In short: payment functionality without on-chain yield cannot escape the dominance of dollar-denominated assets—and ultimately, will be tamed by the OCC into becoming part of the banking system. Those who trade freedom for security end up with neither.
Here’s a second risky assertion: existing B2B use cases built on USDC—and cross-border remittance projects integrating USDT transfers—cannot propel payment stablecoins across the threshold into global adoption. They hold only transitional significance and will not emerge as primary players in the next era.

Caption: Payment Stablecoin Flow. Source: @zuoyeweb3
The phase where yield serves as a customer acquisition tool has ended. Banking resistance has impacted both off-chain and on-chain realms: after $USDe and $xUSD, on-chain yield initiatives have also stalled. It’s time to rigorously study real-world payment adoption.

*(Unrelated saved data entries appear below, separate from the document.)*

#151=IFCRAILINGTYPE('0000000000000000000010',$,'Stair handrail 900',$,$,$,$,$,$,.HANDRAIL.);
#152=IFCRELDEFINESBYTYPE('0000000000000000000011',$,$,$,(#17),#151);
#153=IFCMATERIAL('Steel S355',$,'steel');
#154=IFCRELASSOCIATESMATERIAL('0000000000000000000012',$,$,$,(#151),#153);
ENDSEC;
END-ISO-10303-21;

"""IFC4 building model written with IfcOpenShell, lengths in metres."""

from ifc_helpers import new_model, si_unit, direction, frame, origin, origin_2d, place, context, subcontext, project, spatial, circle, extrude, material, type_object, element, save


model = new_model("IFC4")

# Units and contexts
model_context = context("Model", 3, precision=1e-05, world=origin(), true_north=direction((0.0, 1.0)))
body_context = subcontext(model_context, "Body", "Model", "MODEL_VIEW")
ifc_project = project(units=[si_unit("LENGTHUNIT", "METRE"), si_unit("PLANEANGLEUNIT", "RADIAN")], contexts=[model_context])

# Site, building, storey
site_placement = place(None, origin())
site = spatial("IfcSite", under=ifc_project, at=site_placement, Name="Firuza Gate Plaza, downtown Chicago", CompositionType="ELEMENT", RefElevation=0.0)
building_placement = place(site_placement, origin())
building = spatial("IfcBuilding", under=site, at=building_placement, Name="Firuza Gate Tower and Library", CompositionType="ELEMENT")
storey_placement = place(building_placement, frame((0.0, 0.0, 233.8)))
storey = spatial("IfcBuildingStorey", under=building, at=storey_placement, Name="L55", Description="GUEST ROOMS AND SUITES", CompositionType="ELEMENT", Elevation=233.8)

But caution: focusing solely on payments while ignoring yield characteristics means missing 50% of this wave’s most valuable component. USDT/USDC, funded by Treasury yields, have been co-opted—banking has won its third assault, continuing to wield the cheapest demand deposits as instruments of power.
Conclusion
Following Fintech’s footsteps, we hope Crypto charts a distinct future.
Four drivers fuel the new payment battleground: Stripe and peers embracing new narratives frantically ahead of IPOs; Meta/Google recognizing their bargaining power as distribution channels; banks aiming to retain fee income and cheap assets; and Tether’s aggressive investments in payment firms, hoping to encircle Circle.
Two new narratives are bundled into future visions: stablecoins are taken for granted as Agent payment tools—yet no one asks whether Agents are truly necessary.